Mine pollution destroys village

Pyaw Pyo villagers claim polluted water from the Heinda Mine, in the Dawei District in southern Burma, has made their lives unbearable.

Daw Aye Ye, from Pyaw Pyo village told Karen News.

“My house is flooded and all of my plantation is gone. My well that I used to use is now ruined and I have to dig for water from under the silt released by the mine. Now I have nothing left. I don’t know how to survive. My house is a high house but it can still be swallowed by the mud.”

The Heinda Mine is a tin and tungsten mine operating, 45 kilometer east of Dawei and is a joint venture between a Thai company, Myanmar Pongpipat, the government’s Ministry of Mines.

Villager’s allege the mine has ruined their plantation and polluted gardens and homes.

“The mine has operated for a long time and the consequences for us have been all bad. Neither the government nor the company have been bothered to come to see us or pay us compensation for what we have lost.”

Daw Ye Ye said.

“If I lose my house, my plantation, I have nowhere to go. They should compensate us, that is the only way we can survive in the future. Now we can’t do anything.

In early July, the Minister of Forestry and Mining in Taninthanyi Division, inspected the mine and warned the company to improve its mining operation. Villagers claim that there has not been any concrete action taken by either the government or the company and the problems continue to get worse.

Villagers say they are desperate. They have also submitted their complaints to the Karen National Union (KNU), who received payment for giving the mining operation permission to operate.
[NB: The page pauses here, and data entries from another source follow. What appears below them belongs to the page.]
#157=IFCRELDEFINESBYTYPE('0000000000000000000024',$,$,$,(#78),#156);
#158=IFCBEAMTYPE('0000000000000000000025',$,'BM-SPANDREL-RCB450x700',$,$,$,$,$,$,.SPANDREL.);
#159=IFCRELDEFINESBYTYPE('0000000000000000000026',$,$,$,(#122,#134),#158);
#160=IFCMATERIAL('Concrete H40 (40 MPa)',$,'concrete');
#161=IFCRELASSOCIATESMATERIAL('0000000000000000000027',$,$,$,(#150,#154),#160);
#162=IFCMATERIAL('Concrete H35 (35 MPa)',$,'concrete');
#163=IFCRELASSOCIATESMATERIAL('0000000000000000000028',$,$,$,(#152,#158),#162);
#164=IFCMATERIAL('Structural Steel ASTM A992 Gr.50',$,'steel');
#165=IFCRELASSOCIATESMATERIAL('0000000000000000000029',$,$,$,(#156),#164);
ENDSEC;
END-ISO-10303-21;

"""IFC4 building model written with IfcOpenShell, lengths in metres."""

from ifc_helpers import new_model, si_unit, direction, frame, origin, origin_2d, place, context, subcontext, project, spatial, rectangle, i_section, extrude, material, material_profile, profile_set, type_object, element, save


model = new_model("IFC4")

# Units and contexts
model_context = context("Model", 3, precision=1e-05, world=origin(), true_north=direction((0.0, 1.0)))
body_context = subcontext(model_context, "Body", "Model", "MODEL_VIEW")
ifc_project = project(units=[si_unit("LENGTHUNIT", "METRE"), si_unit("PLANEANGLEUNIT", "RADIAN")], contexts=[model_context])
Villagers say the KNU has also failed to take action.

The villagers say the 5 million kyat compensation package offered to cover all the villagers affected by the Heinda Mine is inadequate and they have refused to accept it.
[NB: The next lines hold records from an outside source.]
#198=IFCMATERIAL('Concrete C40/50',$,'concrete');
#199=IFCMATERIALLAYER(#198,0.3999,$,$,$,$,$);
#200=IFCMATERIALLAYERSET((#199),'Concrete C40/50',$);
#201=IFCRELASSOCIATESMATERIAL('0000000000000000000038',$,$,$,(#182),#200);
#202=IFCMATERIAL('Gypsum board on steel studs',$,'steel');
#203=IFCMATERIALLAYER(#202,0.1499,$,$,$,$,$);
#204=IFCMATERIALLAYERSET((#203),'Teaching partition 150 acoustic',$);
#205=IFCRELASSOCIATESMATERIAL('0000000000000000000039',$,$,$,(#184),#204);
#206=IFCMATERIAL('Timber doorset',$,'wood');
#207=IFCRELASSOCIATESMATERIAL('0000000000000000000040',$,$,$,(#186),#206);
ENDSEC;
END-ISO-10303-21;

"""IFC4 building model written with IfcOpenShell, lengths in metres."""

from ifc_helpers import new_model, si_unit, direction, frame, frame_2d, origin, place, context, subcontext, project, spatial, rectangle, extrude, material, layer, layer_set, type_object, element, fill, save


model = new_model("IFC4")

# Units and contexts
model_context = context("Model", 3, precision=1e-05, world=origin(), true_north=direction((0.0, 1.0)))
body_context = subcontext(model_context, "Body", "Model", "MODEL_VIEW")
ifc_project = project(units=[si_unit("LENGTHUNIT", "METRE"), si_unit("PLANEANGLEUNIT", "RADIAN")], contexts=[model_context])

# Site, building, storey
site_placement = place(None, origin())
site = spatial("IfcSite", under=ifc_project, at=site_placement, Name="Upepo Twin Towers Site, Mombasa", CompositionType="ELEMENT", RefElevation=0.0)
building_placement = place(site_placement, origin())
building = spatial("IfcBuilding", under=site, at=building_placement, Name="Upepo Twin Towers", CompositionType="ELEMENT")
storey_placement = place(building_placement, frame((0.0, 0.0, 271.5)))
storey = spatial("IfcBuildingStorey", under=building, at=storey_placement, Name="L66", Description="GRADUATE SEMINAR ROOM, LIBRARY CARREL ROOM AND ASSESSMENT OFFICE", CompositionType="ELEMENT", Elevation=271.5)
U Soe Naing, from Pyaw Pyo village told Karen News.

“They came to give us money, but I do not accept it. My plantation and land destroyed by the mine is worth more than five million kyat. For the whole village, the company is offering us compensation of five million kyat – it is meaningless. If we divide it between each family who have lost their house and land, it amounts to not more than 10,000 kyat ($20) each – we cannot accept this.”

U Soe Naing, says the mine has ruined the lives of the villagers.

“We grow betel nut trees, coconut trees and other plantations for our living and to pay to send our children to school every year. Now, we can’t even think about sending our children to school, as it is already difficult for us to survive. We don’t oppose the company come here do their business, but they need to respect us, and not treat us like this. We want them to pay fair compensation for what they have destroyed.”